Instinktiv wusste ich, dass Daniel Redding nichts an dieser Frau lag. Ihm lag überhaupt nichts an anderen Menschen. Punkt. Er war hart. Gefühlskalt. Das, was er für Dean empfand, kam seinem Gefühl von Liebe noch am nächsten, und auch das war eher narzisstisch. Dean war seiner Liebe würdig, weil Dean ihm gehörte.

»Wie sieht unser Plan aus?«, wollte Michael wissen. »Klopfen wir einfach an?«

Dean zuckte mit den Achseln. »Hast du eine bessere Idee?«

»Das hier ist deine Show«, sagte Michael. »Ich bin nur der Fahrer.«

»Es wäre am besten, wenn ich allein hineinginge«, fand Dean.

Ich machte schon den Mund auf, um ihm zu sagen, dass er allein nirgendwohin gehen würde, doch Michael kam mir zuvor.

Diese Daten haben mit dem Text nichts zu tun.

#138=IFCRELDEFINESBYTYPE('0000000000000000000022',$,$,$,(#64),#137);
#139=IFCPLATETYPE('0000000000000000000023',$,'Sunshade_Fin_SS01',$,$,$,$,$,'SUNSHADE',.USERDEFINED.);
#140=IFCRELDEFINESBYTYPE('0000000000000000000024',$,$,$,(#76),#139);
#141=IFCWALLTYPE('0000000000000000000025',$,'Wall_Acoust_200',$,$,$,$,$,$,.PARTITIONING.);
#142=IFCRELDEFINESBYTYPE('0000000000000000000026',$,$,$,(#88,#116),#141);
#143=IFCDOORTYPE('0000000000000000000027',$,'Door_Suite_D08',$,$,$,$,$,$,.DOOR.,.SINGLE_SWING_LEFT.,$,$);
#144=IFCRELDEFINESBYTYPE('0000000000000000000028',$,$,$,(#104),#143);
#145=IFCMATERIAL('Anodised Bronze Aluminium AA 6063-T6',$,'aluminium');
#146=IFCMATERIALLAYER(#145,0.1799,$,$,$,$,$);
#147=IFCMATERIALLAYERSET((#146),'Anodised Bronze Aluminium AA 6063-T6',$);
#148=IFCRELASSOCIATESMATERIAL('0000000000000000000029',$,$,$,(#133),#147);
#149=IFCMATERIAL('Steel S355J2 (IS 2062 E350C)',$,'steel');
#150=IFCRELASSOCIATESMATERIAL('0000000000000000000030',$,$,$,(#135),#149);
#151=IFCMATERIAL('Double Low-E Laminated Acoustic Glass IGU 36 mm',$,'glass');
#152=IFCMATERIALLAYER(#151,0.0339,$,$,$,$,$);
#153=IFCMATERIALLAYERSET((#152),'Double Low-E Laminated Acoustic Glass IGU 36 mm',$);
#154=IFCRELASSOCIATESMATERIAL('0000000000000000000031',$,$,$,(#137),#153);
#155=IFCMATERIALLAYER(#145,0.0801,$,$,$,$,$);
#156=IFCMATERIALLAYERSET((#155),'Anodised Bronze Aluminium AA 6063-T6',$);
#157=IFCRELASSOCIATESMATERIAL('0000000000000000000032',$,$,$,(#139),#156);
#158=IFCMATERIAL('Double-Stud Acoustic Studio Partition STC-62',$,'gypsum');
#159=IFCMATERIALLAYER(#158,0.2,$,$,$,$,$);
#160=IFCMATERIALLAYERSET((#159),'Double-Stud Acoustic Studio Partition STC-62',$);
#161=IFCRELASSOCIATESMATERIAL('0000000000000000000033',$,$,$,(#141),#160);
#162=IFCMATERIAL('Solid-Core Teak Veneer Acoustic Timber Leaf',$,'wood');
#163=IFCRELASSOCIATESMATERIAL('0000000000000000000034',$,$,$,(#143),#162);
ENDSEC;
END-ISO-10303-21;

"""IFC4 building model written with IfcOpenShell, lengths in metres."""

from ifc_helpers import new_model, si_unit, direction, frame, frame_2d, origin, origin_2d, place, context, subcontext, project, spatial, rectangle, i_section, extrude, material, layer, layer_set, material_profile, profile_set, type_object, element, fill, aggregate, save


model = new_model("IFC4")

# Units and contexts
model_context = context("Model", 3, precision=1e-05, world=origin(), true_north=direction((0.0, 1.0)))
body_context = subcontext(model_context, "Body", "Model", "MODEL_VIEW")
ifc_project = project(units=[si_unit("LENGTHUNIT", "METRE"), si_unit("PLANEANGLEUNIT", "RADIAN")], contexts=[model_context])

»Nichts da, Cowboy. Wir sind nicht umsonst ein Team. Außerdem würde Cassie versuchen, dir nachzugehen, und dann müsste ich ihr nach und so weiter und so fort …« Michael verstummte unheilvoll.

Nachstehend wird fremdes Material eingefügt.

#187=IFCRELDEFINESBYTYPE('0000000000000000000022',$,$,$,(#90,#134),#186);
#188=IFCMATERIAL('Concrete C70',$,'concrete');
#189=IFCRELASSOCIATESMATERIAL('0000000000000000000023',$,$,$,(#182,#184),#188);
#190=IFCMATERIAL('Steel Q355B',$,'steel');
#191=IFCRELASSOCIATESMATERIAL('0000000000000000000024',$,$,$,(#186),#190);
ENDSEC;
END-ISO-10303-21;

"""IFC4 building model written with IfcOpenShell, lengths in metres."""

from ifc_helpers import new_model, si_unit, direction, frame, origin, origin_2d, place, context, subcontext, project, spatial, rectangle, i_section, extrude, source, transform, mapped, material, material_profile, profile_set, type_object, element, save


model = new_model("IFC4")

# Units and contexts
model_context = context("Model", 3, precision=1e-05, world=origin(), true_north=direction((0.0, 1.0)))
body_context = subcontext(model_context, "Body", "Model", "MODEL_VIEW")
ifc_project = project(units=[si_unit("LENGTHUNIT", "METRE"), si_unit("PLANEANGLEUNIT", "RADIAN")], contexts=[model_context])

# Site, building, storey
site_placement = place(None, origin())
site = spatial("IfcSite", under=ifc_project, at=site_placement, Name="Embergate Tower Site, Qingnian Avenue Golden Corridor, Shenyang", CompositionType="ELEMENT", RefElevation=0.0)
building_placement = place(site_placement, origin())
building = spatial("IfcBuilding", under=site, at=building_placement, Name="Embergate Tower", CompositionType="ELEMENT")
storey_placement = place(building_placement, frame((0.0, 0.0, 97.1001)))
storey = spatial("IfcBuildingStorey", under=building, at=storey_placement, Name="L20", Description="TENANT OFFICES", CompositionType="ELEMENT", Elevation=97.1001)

»Okay, okay«, kapitulierte Dean. »Wir gehen gemeinsam. Ich sage ihr, dass ihr meine Freunde seid.«

»Eine geschickte Tarnung«, bemerkte Michael. In diesem Moment fiel mir auf, dass Michael nicht meinetwegen zugestimmt hatte, Dean zu fahren. Und auch nicht wegen Lia. Trotz allem, was er mir über sie beide erzählt hatte, hatte er es für Dean getan.

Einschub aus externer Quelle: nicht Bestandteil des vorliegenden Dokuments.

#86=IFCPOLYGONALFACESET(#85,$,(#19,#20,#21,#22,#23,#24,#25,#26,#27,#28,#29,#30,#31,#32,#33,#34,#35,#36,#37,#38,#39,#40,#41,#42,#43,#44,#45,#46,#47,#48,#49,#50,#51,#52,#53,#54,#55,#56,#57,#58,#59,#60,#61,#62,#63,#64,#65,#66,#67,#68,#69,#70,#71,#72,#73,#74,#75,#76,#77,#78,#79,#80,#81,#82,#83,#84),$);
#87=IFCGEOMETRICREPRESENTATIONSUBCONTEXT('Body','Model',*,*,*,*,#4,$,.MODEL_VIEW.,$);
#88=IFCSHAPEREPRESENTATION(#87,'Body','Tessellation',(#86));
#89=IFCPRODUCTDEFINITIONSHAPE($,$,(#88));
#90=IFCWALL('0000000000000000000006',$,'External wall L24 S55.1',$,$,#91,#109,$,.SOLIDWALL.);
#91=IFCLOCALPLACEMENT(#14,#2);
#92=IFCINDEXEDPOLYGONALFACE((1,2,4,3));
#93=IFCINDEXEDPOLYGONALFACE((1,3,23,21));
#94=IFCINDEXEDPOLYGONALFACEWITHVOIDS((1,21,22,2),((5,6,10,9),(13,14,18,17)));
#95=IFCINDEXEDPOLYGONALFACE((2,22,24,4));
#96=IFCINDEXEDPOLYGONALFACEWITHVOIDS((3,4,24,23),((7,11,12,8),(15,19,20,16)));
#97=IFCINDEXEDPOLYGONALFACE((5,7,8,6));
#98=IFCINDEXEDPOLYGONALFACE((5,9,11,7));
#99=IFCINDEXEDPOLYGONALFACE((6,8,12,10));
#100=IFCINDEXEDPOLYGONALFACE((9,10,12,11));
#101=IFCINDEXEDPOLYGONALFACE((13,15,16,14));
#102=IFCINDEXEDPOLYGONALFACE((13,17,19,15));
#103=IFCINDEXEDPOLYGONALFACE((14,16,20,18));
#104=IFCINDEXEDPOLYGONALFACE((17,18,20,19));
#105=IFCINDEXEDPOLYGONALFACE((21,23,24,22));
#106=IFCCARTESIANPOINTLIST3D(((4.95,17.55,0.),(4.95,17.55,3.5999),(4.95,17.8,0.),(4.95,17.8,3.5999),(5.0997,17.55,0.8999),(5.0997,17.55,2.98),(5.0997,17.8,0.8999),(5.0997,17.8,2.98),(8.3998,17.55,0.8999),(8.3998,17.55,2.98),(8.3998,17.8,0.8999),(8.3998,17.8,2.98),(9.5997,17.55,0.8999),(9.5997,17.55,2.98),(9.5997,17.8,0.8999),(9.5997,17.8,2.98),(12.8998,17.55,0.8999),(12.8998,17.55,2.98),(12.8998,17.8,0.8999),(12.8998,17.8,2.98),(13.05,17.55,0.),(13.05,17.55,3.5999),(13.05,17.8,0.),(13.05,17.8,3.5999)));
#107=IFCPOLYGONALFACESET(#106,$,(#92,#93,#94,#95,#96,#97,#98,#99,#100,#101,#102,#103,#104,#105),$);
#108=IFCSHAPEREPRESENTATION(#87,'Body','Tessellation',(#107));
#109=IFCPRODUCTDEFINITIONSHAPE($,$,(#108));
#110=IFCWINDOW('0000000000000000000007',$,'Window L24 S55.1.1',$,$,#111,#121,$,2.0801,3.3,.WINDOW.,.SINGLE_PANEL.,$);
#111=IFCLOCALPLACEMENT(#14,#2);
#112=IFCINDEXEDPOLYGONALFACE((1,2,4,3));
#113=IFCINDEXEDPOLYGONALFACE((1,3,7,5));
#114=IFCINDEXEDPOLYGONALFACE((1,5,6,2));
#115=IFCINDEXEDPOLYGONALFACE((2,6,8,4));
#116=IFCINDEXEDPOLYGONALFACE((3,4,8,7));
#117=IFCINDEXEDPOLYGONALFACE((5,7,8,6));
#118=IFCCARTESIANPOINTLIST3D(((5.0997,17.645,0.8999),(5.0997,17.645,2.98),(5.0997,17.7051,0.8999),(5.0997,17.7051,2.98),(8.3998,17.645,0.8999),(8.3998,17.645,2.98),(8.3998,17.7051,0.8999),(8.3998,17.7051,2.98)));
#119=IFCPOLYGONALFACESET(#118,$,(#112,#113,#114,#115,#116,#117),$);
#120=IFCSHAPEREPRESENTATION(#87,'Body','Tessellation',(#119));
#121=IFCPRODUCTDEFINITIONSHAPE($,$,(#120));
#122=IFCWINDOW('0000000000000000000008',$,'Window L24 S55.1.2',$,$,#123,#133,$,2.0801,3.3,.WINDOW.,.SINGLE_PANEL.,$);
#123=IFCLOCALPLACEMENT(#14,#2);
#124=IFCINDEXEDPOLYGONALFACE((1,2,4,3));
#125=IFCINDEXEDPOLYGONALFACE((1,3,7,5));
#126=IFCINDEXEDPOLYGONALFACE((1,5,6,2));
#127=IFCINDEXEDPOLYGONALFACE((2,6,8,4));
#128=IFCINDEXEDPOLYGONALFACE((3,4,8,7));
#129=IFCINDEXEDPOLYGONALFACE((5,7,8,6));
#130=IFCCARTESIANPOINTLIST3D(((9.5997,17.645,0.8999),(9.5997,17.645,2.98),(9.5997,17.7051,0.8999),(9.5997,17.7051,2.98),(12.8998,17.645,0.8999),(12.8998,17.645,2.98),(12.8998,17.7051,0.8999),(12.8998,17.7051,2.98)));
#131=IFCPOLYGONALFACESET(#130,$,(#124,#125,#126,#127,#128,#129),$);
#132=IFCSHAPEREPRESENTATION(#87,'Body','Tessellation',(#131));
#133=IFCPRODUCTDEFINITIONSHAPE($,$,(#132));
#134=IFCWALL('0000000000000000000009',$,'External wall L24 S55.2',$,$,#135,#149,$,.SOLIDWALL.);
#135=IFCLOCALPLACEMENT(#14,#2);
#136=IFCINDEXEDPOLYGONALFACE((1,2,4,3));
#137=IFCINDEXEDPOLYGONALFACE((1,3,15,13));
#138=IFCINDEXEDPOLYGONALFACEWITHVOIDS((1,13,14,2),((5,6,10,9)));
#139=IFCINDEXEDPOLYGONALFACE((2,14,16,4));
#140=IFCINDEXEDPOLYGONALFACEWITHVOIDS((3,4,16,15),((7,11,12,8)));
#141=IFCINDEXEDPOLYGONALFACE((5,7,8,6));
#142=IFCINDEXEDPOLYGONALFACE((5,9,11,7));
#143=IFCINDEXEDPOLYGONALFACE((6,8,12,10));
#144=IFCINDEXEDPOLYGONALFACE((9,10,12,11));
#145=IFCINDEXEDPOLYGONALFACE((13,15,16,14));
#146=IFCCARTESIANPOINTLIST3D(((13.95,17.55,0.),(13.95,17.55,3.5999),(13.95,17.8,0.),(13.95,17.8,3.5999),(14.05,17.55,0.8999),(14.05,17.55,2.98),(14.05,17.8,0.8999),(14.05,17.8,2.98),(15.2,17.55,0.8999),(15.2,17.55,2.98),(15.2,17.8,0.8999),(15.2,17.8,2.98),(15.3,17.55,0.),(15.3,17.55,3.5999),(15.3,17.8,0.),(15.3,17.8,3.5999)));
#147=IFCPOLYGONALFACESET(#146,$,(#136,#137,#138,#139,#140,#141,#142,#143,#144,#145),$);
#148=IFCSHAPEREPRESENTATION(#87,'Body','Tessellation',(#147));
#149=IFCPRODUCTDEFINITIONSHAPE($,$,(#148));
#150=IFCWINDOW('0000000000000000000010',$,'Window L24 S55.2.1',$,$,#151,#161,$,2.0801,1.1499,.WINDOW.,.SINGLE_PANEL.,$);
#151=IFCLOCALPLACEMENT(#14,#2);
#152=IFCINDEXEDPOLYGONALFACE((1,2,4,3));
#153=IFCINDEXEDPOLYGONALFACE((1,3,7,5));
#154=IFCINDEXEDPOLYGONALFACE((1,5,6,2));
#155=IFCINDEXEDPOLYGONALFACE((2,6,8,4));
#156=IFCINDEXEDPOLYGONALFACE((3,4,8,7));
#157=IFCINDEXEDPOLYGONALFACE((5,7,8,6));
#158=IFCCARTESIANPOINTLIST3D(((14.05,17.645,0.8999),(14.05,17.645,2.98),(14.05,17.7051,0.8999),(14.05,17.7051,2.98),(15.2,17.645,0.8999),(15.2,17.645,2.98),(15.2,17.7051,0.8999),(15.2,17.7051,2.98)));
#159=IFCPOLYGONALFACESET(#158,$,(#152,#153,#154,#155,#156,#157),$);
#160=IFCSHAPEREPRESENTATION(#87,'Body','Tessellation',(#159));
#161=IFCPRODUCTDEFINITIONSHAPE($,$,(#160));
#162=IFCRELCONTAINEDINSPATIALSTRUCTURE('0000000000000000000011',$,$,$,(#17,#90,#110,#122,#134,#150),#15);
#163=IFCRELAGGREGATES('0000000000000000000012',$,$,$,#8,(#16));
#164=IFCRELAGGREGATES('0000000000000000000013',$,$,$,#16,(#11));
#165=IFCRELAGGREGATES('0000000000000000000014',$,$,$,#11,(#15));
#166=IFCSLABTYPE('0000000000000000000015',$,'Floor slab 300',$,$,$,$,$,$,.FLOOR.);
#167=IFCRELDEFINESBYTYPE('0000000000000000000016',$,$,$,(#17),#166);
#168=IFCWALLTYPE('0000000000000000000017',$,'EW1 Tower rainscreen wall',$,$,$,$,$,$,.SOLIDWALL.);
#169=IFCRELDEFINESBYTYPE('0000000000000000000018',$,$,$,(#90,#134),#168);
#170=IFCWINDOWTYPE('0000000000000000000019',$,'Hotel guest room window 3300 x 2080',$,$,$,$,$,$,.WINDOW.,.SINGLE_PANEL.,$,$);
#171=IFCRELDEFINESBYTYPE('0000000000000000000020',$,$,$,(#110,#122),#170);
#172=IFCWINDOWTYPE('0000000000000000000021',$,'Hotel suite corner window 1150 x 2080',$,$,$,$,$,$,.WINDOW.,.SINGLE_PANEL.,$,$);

»Ich übernehme das Reden«, verkündete Dean. »Wenn wir Glück haben, ist sie so auf mich fixiert, dass sie auf euch beide gar nicht achtet. Wenn ihr etwas aus ihr herauslesen könnt, gut. Wir gehen hinein, wir gehen hinaus. Mit etwas Glück sind wir wieder zu Hause, bevor jemand merkt, dass wir weg waren.«

Oberflächlich betrachtet klang der Plan ganz einfach, aber Glück war nicht das Adjektiv, das ich auch nur einer Person in diesem Wagen zugeordnet hätte. Der Gedanke ging mir durch den Kopf, als Michael an einem Schild vorbeifuhr.